Nicholson warned James VI. He interviewed More on 18 September. More told Nicholson his story, and that he was a friend of Nicholas Williamson. He had an introduction to William Schaw (a friend of Alexander Seton) and Patrick Morton. More went to the royal court at Dalkeith Palace the next day, wanting to speak to William Schaw. Schaw and William Hunter brought him to speak with James VI in a private gallery. Hunter was a Scottish merchant and credit broker who had settled in England. He had dealings with John Williams, a Cheapside goldsmith, and in April 1603 brought John Harington's Lantern to Holyroodhouse.

Nicholson heard that James VI thought George More was only seeking letters of recommendation to help him return to England. Roger Aston also wrote to Sir Robert Cecil, describing what More said in this meeting. More claimed to have refused Spanish offers to work against Queen Elizabeth and was now impoverished, without "one penny to buy his dinner".

Nicholson thought his approach to William Shaw, a known Catholic, was suspicious. Aston described Schaw as "master of works and controller of the house", perhaps meaning that Schaw, an occasional signatory of the royal household books, was administrator of the household of Anne of Denmark at Dalkeith during her pregnancy. He certainly prepared the queen's bedchamber and nursery at Dalkeith for the birth of Princess Margaret. Patrick Morton was a carver at the royal table.

More wrote to Sir Robert Cecil from his lodging in Leith on 14 January 1599, professing his service to Queen Elizabeth, and giving some news of Spanish invasion scares. He enclosed a letter to the Earl of Shrewsbury, his old acquaintance. He described to Shrewsbury how he had left the Spanish dominions in 1595, and appealed in England against judgements for his recusancy. More assured Shrewsbury of his wish to serve Elizabeth I against Spain.

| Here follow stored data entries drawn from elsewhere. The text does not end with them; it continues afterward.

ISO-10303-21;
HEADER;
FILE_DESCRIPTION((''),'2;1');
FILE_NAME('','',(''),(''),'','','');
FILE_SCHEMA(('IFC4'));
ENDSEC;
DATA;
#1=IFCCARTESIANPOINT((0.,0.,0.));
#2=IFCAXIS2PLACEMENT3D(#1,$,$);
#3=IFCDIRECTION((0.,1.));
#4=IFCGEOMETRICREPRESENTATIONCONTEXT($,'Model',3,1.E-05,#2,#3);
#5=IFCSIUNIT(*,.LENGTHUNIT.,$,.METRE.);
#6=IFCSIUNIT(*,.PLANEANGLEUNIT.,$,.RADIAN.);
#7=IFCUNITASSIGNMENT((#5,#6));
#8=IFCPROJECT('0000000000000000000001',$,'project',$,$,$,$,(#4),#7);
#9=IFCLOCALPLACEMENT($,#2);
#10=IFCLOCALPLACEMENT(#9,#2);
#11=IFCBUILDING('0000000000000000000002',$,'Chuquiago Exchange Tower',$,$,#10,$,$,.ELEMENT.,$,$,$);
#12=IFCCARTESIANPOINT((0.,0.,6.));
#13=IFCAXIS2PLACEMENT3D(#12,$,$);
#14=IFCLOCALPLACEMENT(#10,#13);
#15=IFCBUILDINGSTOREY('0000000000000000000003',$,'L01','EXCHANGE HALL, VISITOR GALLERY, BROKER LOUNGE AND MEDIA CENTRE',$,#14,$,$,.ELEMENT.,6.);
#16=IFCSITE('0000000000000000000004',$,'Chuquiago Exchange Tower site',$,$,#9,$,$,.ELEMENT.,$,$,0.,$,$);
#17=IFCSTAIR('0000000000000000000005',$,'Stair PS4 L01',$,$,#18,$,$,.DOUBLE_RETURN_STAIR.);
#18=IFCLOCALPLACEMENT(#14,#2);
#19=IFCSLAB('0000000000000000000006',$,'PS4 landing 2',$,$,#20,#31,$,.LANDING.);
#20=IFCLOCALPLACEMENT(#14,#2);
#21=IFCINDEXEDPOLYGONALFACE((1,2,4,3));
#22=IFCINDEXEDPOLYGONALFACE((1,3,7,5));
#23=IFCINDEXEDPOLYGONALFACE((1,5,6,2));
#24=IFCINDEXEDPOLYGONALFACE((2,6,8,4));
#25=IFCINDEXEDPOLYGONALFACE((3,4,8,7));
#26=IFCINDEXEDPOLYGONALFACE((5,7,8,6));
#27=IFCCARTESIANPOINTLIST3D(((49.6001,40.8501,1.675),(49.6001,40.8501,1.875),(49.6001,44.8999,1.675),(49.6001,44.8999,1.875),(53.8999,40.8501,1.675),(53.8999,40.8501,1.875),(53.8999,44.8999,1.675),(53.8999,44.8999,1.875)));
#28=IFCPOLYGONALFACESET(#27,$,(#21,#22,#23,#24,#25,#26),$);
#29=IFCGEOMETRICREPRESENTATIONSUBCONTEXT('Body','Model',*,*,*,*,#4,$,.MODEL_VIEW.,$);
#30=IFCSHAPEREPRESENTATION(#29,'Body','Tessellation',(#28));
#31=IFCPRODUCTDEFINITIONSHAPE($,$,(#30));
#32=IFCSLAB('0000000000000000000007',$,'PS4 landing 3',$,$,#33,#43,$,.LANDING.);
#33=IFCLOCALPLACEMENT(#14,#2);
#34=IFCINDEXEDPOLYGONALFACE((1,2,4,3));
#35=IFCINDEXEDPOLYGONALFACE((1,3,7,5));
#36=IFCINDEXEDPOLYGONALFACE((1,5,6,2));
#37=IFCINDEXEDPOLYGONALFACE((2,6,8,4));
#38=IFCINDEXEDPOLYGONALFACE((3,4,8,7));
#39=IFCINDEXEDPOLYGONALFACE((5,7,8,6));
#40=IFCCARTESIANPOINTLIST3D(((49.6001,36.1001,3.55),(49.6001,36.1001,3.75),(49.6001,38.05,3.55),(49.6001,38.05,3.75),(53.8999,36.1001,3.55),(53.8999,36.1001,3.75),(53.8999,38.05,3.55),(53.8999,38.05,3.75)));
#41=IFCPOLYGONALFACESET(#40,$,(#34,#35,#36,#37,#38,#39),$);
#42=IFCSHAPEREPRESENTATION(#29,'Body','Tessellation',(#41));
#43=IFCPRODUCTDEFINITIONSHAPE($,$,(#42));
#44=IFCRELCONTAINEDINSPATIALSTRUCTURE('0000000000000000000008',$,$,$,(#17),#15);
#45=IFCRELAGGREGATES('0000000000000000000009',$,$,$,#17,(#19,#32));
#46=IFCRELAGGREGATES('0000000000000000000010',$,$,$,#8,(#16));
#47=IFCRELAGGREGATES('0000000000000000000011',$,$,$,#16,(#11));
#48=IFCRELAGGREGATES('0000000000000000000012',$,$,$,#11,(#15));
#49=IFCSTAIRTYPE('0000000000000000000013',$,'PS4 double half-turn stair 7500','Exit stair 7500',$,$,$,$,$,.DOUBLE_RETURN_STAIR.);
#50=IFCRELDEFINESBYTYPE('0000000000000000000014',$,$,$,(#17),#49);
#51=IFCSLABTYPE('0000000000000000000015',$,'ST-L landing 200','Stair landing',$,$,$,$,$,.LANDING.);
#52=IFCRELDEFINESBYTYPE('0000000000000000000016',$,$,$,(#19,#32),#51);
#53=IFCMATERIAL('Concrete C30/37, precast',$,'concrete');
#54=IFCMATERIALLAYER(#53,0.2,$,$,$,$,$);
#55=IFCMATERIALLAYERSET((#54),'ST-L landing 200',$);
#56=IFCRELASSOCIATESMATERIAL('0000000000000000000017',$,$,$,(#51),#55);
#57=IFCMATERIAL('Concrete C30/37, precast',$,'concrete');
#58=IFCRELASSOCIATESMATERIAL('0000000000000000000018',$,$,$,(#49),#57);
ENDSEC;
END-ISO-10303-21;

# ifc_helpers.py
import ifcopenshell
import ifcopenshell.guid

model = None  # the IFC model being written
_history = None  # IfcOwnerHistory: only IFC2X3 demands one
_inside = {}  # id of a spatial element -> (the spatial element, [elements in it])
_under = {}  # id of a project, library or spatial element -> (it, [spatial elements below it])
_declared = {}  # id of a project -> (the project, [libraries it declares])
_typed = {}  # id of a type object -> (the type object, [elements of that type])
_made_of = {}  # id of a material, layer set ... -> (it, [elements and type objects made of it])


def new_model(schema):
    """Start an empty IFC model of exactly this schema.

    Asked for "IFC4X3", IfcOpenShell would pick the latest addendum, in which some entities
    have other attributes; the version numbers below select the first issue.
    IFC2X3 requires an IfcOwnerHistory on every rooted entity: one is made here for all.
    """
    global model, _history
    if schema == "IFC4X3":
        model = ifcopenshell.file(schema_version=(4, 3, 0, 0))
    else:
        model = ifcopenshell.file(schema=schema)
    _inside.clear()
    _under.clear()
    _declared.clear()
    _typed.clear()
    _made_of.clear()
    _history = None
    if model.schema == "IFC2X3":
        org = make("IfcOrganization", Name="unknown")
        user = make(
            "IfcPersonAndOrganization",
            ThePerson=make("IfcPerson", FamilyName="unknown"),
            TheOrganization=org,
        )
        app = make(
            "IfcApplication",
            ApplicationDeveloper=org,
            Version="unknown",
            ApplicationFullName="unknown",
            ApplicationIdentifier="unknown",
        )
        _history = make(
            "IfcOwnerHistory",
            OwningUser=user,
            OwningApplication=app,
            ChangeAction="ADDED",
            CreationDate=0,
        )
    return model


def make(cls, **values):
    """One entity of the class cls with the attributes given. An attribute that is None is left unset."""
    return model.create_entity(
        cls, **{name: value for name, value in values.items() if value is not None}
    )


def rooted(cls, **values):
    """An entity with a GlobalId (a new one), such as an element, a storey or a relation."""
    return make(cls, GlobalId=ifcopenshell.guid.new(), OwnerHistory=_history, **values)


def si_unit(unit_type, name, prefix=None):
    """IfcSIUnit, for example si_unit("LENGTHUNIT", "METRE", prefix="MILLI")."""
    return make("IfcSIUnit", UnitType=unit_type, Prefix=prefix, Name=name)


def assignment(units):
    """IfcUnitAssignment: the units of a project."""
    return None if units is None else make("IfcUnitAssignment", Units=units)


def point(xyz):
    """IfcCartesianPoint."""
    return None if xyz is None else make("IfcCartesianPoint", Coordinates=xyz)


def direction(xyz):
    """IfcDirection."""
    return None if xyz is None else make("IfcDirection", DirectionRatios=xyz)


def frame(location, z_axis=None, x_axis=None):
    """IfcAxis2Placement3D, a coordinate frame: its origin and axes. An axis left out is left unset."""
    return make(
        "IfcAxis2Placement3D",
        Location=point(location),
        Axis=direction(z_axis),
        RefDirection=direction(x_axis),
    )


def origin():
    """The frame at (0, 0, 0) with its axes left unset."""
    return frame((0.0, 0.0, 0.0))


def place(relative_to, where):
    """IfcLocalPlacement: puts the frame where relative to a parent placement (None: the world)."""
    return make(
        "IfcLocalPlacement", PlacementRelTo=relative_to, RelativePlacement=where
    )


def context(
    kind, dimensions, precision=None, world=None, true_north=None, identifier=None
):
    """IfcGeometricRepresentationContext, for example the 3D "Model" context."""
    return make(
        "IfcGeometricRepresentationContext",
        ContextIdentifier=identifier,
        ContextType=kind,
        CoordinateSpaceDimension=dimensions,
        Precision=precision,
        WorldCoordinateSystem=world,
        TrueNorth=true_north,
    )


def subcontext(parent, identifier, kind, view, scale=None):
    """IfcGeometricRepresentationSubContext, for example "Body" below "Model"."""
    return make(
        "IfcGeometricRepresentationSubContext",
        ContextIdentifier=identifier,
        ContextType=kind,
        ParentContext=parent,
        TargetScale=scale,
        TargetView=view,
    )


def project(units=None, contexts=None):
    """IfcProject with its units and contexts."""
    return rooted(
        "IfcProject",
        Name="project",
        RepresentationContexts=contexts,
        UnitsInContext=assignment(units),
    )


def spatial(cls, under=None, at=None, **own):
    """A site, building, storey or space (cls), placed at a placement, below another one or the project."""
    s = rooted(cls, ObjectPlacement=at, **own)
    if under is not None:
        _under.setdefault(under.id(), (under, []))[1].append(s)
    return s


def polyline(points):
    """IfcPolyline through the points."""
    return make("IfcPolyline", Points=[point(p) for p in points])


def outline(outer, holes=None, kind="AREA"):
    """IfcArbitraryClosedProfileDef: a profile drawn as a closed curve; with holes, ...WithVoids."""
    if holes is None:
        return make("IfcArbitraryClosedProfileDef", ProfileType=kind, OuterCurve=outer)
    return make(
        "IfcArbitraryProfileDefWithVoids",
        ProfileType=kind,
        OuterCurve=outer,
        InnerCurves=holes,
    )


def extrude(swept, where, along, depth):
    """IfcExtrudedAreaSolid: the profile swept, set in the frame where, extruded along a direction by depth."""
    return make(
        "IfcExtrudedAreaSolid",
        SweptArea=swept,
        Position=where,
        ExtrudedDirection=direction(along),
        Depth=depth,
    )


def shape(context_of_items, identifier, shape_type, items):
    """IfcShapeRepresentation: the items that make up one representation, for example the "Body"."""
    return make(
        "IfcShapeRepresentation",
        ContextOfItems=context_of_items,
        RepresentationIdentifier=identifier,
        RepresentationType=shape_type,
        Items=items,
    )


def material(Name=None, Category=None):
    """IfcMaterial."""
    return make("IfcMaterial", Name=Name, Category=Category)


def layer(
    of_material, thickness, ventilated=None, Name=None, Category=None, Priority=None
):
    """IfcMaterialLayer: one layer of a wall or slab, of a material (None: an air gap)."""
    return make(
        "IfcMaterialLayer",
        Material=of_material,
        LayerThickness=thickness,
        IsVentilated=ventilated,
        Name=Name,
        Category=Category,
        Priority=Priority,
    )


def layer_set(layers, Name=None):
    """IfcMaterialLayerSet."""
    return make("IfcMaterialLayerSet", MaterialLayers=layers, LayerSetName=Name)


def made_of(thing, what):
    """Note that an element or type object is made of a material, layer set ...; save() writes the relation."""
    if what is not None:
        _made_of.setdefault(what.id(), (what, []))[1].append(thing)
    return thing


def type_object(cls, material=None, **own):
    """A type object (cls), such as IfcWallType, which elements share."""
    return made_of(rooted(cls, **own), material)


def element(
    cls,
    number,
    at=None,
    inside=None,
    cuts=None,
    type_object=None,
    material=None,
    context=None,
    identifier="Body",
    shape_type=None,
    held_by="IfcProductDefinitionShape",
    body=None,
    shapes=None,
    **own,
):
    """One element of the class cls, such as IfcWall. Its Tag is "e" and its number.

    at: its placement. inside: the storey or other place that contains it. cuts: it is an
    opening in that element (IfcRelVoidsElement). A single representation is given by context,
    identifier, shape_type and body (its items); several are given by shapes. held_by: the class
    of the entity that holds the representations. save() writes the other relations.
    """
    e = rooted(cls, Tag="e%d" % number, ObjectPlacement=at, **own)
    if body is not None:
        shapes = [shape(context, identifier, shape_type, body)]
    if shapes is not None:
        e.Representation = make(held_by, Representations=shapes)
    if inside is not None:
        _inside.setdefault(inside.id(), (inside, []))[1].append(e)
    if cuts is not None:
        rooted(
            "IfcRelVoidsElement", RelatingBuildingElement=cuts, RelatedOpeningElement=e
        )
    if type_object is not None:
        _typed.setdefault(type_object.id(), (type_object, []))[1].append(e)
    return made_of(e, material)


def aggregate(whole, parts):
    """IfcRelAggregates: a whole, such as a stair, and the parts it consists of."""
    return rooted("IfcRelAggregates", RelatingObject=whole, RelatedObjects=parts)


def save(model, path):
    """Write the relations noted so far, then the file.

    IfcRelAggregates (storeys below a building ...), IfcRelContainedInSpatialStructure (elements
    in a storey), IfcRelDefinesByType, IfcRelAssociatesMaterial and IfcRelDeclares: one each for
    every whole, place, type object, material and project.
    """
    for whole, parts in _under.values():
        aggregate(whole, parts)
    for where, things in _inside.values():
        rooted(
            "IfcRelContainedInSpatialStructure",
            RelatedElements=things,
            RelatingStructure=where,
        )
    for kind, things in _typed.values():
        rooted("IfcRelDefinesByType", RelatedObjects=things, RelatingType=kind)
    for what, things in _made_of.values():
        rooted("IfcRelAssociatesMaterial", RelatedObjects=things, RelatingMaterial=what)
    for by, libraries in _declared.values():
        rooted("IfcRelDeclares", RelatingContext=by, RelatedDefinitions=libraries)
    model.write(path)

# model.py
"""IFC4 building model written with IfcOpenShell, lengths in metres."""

from ifc_helpers import new_model, si_unit, direction, frame, origin, place, context, subcontext, project, spatial, polyline, outline, extrude, material, layer, layer_set, type_object, element, aggregate, save


model = new_model("IFC4")

# Units and contexts
model_context = context("Model", 3, precision=1e-05, world=origin(), true_north=direction((0.0, 1.0)))
body_context = subcontext(model_context, "Body", "Model", "MODEL_VIEW")
ifc_project = project(units=[si_unit("LENGTHUNIT", "METRE"), si_unit("PLANEANGLEUNIT", "RADIAN")], contexts=[model_context])

# Site, building, storey
site_placement = place(None, origin())
site = spatial("IfcSite", under=ifc_project, at=site_placement, Name="Chuquiago Exchange Tower site", CompositionType="ELEMENT", RefElevation=0.0)
building_placement = place(site_placement, origin())
building = spatial("IfcBuilding", under=site, at=building_placement, Name="Chuquiago Exchange Tower", CompositionType="ELEMENT")
storey_placement = place(building_placement, frame((0.0, 0.0, 6.0)))
storey = spatial("IfcBuildingStorey", under=building, at=storey_placement, Name="L01", Description="EXCHANGE HALL, VISITOR GALLERY, BROKER LOUNGE AND MEDIA CENTRE", CompositionType="ELEMENT", Elevation=6.0)

# Stair, slabs
ifc_material_1 = material(Name="Concrete C30/37, precast", Category="concrete")
ifc_layer_1 = layer(ifc_material_1, 0.2)
ifc_layer_set_1 = layer_set([ifc_layer_1], Name="ST-L landing 200")
slab_type_1 = type_object("IfcSlabType", Name="ST-L landing 200", Description="Stair landing", PredefinedType="LANDING", material=ifc_layer_set_1)
ifc_material_2 = material(Name="Concrete C30/37, precast", Category="concrete")
stair_type_1 = type_object("IfcStairType", Name="PS4 double half-turn stair 7500", Description="Exit stair 7500", PredefinedType="DOUBLE_RETURN_STAIR", material=ifc_material_2)
stair_1_placement = place(storey_placement, origin())
stair_1 = element("IfcStair", 1, at=stair_1_placement, inside=storey, type_object=stair_type_1, Name="Stair PS4 L01", PredefinedType="DOUBLE_RETURN_STAIR")
slab_1_placement = place(storey_placement, frame((0.0, 0.0, 1.675)))
slab_1 = element("IfcSlab", 2, at=slab_1_placement, type_object=slab_type_1, Name="PS4 landing 2", PredefinedType="LANDING", context=body_context, shape_type="SweptSolid", body=[
    extrude(outline(polyline([(49.6001, 44.8999), (53.8999, 44.8999), (53.8999, 40.8501), (49.6001, 40.8501), (49.6001, 44.8999)])), origin(), (0.0, 0.0, 1.0), 0.2),
])
slab_2_placement = place(storey_placement, frame((0.0, 0.0, 3.55)))
slab_2 = element("IfcSlab", 3, at=slab_2_placement, type_object=slab_type_1, Name="PS4 landing 3", PredefinedType="LANDING", context=body_context, shape_type="SweptSolid", body=[
    extrude(outline(polyline([(49.6001, 38.05), (53.8999, 38.05), (53.8999, 36.1001), (49.6001, 36.1001), (49.6001, 38.05)])), origin(), (0.0, 0.0, 1.0), 0.2),
])
aggregate(stair_1, [slab_1, slab_2])

save(model, "model.ifc")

==Elizabeth More returns to Yorkshire==
On 12 May 1599 he wrote to Matthew Hutton, Archbishop of York, seeking rehabilitation, and that he had sent his wife Elizabeth to him. He wrote to Cecil, referring to his exile in Scotland as a "devilish desert". She was not able to make her journey until the end of May. She and her children were arrested at York and were still there in November, while George More stayed in Scotland.

His wife was Elizabeth Mountford or Momforth, daughter of George Mountford of Hackford or Hackforth in Hornby. They had seven children. She wrote to Sir Robert Cecil asking for her husband's pardon and relief in 1599, presumably from York.

More returned to Liège by 1601. Disenchanted with Scotland, he criticised James VI's habits and his relationship with Anne of Denmark. He thought the King supported the Earl of Essex, but the Earl's supporters only pretended to reciprocate.